There is a clear and present danger that threatens the many benefits scientific medicine brings to the American people. The link goes to an article in the New England Journal of Medicine this week that says American politicians are substituting their opinion and politics for the judgement of state medical boards that set the standards for scientific medical practice. I have quoted extensively from the article because it is so well written and this journal is one of the most reliable. “In response to the Covid-19 pandemic, however, state lawmakers have embraced measures that could seriously undermine boards’ ability to carry out these functions. For example, North Dakota has enacted a law prohibiting its board of medicine from disciplining physicians who dispense ivermectin for the treatment of Covid-19, despite extensive evidence that use of the drug for this purpose has no beneficial effect. Legislation in Tennessee prohibits medical boards from disciplining physicians for providing any COVID-related treatment unless they are following rule that has been approved by the state legislature. Similar legislative proposals have been
introduced in at least half of states.”
There are other examples. “These efforts to limit the powers of licensing boards are the latest example of a larger movement to undermine the concept of expertise and the institutions that validate it. For example, the 2018 federal Right to Try Act gave patients with serious or immediately life-threatening conditions the right to request access to unapproved medications with virtually no oversight by the Food and
Drug Administration (FDA).” Medications that are proven to work are approved by the FDA. If there is a good scientific argument that a medication should work in this condition based on performance in other settings, the FDA approves it and insurance pays for it. The real purpose of the law is to chip away at the regulatory authority of the FDA. This rule opens the door to treatment with drugs that don’t work. That is terrible for the patient, and you have to pay for it in your taxes and insurance premiums.

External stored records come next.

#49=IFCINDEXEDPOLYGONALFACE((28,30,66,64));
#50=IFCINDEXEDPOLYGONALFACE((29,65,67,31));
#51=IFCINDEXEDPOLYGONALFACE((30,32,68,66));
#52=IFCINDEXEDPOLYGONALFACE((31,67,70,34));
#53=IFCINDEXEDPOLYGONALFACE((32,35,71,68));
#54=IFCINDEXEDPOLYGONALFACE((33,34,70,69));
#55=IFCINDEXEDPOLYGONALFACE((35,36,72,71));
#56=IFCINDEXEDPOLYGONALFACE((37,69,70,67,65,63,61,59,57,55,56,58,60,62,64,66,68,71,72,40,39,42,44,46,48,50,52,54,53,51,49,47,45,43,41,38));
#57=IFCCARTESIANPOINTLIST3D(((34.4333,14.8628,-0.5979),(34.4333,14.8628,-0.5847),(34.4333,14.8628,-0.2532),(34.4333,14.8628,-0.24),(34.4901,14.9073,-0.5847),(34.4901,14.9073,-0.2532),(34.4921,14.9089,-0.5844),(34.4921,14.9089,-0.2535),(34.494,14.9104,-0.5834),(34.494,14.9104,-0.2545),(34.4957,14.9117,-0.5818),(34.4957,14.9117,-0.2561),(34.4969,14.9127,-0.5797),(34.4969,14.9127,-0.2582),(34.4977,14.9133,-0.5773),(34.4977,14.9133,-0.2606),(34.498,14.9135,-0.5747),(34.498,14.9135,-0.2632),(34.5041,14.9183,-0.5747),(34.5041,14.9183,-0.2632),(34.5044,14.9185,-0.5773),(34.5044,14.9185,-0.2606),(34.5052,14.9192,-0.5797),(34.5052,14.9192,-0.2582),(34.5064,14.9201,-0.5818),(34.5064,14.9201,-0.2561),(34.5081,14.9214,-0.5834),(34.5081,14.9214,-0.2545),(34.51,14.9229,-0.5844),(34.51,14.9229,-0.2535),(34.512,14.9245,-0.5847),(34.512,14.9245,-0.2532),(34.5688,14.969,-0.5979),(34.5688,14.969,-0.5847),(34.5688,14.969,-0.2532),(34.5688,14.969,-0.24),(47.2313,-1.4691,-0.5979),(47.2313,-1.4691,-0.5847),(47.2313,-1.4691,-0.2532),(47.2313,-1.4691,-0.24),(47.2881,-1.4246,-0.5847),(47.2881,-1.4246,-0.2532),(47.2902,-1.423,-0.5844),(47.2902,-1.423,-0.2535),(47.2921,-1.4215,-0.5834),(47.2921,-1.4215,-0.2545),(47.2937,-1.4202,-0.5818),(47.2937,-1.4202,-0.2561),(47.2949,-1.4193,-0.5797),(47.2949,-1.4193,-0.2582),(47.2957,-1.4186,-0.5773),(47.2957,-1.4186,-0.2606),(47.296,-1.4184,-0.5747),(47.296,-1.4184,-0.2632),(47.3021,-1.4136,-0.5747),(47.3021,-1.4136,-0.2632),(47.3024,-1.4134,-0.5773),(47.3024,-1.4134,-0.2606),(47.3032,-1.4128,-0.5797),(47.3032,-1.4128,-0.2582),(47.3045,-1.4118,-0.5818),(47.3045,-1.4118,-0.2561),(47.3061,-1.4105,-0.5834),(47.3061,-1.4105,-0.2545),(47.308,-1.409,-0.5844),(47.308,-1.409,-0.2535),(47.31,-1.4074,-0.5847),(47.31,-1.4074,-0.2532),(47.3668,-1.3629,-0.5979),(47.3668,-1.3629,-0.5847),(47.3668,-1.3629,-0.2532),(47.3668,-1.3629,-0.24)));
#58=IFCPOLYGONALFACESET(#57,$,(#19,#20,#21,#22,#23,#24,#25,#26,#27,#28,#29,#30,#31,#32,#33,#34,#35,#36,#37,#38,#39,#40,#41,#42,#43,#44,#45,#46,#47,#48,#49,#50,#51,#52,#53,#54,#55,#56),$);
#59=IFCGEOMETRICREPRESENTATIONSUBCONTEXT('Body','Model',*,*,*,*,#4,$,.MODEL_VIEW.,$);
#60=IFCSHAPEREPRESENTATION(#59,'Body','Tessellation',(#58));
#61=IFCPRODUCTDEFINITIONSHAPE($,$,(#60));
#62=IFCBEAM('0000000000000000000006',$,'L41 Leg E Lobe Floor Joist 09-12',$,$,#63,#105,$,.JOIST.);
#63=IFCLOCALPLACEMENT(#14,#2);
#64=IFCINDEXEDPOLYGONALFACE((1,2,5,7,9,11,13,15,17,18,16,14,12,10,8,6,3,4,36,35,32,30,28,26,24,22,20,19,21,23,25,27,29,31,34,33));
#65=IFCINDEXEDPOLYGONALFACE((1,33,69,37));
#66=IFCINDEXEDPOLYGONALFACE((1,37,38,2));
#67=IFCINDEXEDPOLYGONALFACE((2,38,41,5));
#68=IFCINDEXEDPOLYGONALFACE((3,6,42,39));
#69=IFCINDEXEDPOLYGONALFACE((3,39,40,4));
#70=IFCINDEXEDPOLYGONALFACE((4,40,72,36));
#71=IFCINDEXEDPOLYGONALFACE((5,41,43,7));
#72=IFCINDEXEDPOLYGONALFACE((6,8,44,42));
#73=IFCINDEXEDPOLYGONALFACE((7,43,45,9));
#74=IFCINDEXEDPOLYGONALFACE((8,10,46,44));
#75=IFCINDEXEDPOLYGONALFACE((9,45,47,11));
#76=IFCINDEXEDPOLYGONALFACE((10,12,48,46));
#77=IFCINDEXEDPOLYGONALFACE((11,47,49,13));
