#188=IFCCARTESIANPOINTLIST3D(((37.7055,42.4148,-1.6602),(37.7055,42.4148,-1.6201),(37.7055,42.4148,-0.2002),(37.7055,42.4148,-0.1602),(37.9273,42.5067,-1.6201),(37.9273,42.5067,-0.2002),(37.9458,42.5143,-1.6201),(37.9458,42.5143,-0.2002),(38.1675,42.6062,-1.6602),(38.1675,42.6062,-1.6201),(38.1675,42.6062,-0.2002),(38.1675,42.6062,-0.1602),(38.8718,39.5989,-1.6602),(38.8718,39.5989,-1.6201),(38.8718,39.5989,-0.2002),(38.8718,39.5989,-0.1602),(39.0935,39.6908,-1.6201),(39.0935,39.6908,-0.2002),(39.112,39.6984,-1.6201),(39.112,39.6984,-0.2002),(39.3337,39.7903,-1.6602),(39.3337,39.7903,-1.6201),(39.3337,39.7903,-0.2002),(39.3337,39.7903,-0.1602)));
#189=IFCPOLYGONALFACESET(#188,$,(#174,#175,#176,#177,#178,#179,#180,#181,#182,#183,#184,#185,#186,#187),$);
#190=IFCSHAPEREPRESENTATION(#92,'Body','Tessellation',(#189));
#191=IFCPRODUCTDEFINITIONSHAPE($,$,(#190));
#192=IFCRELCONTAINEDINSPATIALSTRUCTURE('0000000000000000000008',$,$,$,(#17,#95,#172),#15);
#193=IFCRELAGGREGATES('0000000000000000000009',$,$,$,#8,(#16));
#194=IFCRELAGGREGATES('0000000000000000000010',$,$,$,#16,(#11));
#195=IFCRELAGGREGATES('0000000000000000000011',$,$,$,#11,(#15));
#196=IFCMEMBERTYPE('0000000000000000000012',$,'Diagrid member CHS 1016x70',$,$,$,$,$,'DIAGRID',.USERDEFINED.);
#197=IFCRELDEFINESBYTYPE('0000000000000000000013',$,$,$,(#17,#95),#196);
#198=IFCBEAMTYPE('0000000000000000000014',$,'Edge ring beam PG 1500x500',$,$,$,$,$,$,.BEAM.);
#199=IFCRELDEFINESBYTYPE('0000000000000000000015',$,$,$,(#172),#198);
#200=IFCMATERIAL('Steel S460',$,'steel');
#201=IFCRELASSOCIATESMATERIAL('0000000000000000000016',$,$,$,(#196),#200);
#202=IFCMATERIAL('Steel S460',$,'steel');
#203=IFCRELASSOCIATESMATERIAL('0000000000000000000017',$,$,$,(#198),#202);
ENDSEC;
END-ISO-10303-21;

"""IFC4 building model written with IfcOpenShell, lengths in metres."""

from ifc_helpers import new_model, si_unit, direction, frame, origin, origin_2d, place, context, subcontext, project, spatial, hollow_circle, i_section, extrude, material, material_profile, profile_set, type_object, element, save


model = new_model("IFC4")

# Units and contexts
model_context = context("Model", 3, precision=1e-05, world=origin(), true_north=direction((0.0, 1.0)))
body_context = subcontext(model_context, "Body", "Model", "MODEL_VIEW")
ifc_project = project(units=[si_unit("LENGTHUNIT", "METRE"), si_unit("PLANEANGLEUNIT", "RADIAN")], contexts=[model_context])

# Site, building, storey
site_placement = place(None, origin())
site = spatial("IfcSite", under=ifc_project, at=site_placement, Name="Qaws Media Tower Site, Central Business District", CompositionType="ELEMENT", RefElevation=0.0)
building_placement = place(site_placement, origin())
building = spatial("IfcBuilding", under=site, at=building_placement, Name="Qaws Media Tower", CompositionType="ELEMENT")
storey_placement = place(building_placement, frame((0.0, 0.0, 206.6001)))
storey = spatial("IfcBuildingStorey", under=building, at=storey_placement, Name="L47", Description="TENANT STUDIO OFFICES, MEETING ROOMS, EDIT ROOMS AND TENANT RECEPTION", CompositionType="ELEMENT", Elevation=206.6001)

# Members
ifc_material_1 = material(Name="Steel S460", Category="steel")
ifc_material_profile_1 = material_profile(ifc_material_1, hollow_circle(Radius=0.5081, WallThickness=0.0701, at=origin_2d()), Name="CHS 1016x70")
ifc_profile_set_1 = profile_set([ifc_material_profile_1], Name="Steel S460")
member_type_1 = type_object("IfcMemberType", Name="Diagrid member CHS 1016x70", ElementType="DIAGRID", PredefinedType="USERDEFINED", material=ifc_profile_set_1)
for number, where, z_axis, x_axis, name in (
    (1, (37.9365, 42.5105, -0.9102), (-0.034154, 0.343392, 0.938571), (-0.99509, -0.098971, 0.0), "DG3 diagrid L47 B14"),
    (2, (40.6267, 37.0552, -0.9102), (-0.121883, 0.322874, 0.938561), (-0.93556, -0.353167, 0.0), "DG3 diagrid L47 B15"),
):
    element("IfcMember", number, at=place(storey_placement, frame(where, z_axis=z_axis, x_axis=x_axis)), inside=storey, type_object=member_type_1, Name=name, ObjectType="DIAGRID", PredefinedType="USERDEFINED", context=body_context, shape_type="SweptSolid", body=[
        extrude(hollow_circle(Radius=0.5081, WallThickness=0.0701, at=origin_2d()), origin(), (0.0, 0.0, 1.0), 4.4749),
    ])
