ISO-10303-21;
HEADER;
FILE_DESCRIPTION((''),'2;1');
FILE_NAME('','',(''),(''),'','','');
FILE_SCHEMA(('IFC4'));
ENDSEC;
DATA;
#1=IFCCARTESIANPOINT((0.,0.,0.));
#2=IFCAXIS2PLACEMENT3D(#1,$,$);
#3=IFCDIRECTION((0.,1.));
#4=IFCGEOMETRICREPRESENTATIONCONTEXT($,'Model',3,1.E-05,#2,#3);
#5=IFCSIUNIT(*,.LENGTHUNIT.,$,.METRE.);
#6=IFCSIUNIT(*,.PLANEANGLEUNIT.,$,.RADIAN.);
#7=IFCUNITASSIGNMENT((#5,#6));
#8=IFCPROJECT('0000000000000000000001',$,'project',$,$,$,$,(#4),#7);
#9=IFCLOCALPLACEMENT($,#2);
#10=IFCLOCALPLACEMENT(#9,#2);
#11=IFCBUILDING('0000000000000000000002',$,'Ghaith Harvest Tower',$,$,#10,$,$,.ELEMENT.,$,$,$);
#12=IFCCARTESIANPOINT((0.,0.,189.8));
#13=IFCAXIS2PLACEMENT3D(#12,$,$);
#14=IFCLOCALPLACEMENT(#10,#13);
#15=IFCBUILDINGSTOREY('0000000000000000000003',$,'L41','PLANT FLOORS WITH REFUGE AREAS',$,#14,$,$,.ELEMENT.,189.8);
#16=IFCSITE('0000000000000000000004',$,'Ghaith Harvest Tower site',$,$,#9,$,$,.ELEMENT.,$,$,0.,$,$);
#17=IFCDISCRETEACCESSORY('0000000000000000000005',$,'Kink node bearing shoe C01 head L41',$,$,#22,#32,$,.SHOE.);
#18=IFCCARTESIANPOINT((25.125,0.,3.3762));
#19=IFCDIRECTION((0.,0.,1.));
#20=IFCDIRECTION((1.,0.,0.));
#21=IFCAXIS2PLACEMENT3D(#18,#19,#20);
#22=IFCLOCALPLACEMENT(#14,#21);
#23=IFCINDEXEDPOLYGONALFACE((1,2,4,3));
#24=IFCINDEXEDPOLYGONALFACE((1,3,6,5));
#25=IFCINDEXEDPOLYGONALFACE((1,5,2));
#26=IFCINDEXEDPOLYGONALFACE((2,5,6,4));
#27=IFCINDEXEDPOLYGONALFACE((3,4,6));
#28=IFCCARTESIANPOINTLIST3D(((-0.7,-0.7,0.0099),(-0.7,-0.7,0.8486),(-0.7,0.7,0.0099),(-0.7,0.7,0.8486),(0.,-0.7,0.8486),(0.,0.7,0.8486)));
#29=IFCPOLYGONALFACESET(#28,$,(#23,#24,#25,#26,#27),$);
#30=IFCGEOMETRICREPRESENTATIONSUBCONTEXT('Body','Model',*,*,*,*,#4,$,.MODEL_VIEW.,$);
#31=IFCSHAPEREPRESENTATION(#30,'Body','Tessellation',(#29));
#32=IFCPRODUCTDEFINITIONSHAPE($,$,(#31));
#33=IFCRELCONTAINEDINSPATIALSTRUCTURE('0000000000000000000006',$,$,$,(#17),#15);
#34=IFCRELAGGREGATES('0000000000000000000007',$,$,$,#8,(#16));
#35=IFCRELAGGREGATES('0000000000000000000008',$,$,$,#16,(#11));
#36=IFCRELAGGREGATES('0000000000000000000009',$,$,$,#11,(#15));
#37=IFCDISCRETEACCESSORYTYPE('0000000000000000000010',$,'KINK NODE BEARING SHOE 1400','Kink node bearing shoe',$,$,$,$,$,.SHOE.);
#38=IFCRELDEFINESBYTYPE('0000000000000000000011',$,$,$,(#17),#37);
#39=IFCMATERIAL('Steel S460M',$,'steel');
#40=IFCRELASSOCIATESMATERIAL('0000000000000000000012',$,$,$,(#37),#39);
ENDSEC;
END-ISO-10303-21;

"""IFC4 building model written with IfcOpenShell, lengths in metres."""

from ifc_helpers import new_model, si_unit, direction, frame, origin, origin_2d, place, context, subcontext, project, spatial, rectangle, extrude, clip, halfspace, material, material_profile, profile_set, type_object, element, save


model = new_model("IFC4")

# Units and contexts
model_context = context("Model", 3, precision=1e-05, world=origin(), true_north=direction((0.0, 1.0)))
body_context = subcontext(model_context, "Body", "Model", "MODEL_VIEW")
ifc_project = project(units=[si_unit("LENGTHUNIT", "METRE"), si_unit("PLANEANGLEUNIT", "RADIAN")], contexts=[model_context])

# Site, building, storey
site_placement = place(None, origin())
site = spatial("IfcSite", under=ifc_project, at=site_placement, Name="Ghaith Harvest Tower site", CompositionType="ELEMENT", RefElevation=0.0)
building_placement = place(site_placement, origin())
building = spatial("IfcBuilding", under=site, at=building_placement, Name="Ghaith Harvest Tower", CompositionType="ELEMENT")
storey_placement = place(building_placement, frame((0.0, 0.0, 189.8)))
storey = spatial("IfcBuildingStorey", under=building, at=storey_placement, Name="L41", Description="PLANT FLOORS WITH REFUGE AREAS", CompositionType="ELEMENT", Elevation=189.8)

# Discrete accessory
ifc_material_1 = material(Name="Steel S460M", Category="steel")
ifc_material_profile_1 = material_profile(ifc_material_1, rectangle(XDim=1.3999, YDim=1.3999, at=origin_2d()), Name="KINK NODE BEARING SHOE 1400")
ifc_profile_set_1 = profile_set([ifc_material_profile_1], Name="Steel S460M")
discrete_accessory_type = type_object("IfcDiscreteAccessoryType", Name="KINK NODE BEARING SHOE 1400", Description="Kink node bearing shoe", PredefinedType="SHOE", material=ifc_profile_set_1)
discrete_accessory_1_placement = place(storey_placement, frame((25.125, 0.0, 3.3762), z_axis=(0.0, 0.0, 1.0), x_axis=(1.0, 0.0, 0.0)))
element("IfcDiscreteAccessory", 1, at=discrete_accessory_1_placement, inside=storey, type_object=discrete_accessory_type, Name="Kink node bearing shoe C01 head L41", PredefinedType="SHOE", context=body_context, shape_type="Clipping", body=[
    clip(extrude(rectangle(XDim=1.3999, YDim=1.3999, at=origin_2d()), origin(), (0.0, 0.0, 1.0), 0.8486), halfspace(frame((0.0, 0.0, 0.8486), z_axis=(0.767764, 0.0, -0.640732), x_axis=(1.0, 0.0, 0.0)), False)),
])

save(model, "model.ifc")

Those are just symptoms. There is a much larger problem here. “In the context of this broader cultural attack, expertise and authority are increasingly seen as means for elites to establish and support existing hierarchies….“medical freedom”arguments have long been used to oppose institutions intended to protect consumers, such as medical licensure and the FDA. The difference today is that the anti-expertise perspective has moved into the mainstream…. Perhaps the most substantial threat to expertise is that members of the public are coming to believe that facts don’t exist — that all facts are political and therefore a matter of opinion.” That world view goes back to the days before the scientific revolution. Scientific medicine depends utterly on a shared commitment to proving that treatments work. It depends on fact, evidence, integrity, and the truth.
This is not just an external threat. It is also a threat from within the medical profession. It is a failure of leadership. It is a failure of the medical profession to attend to that primary duty of advocacy for our patients. It is a failure to achieve patient-centered care. Two decades ago, the National Academy of Medicine put it like this:
“The American health care delivery system is in need of fundamental change. Many patients, doctors, nurses, and health care leaders are concerned that the care delivered is not, essentially, the care we should receive The frustration levels of both patients and clinicians have probably never been higher. Yet the problems remain. Health care today harms too frequently and routinely fails to deliver its potential benefits.
Americans should be able to count on receiving care that meets their needs and is based on the best scientific knowledge. Yet there is strong evidence that this frequently is not the case. Crucial reports from disciplined review bodies document the scale and gravity of the problems Quality problems are everywhere, affecting many patients. Between the health care we have and the care we could have lies not just a gap, but a chasm.” They also pointed to the fact that it takes 17 years for new scientific evidence to be translated into practice. That is a harsh indictment. To make it worse, none of their recommendations have been followed.
Little wonder that many in the US don’t trust institutional medicine in America. I am convinced that Americans have a sense that our medical system does not serve them. They understand that it is arranged around the needs of providers, payers, and institutions. There are good reasons they don’t trust us.
These facts are all the more tragic because scientific medicine is so much more powerful today than it was even a decade ago. We have scientific proof that patients on optimal medical therapy live longer healthier lives at lower cost. Their risk of heart attack and stroke is dramatically reduced. We need a Flexner-type restructuring that restores the place of science in medicine. Only then will Americans trust our scientific healthcare system. Everything written on these pages is designed to help you understand scientific facts and evidence.
The real problem is the abuse of trust by the people who are in the position of power to do their job base on scientific evidence and merit. They are not, and have NOT been. These people, like Anthony Fauci, have abused their authority to profit from their obedient constituents, make harmful sometime deadly decisions which hurt the ordinary citizens. This has been ongoing for more than five decades. People have had enough. A fundamental reform, and transformation of a new system that is just, truly evidence and merit based, honest, and fair is urgently needed.
The legacy system is badly broken, bill.
Why does Truth need a Gatekeeper? Or do we believe that laypersons are not responsible for themselves?
Personally I trust myself more than any FDA or State level pol to make my health decisions. When I want medical advice, I hire my trusted medical provider and purchase their medical expertise. Isn't this really how most want the medical system to work...without all the middlemen?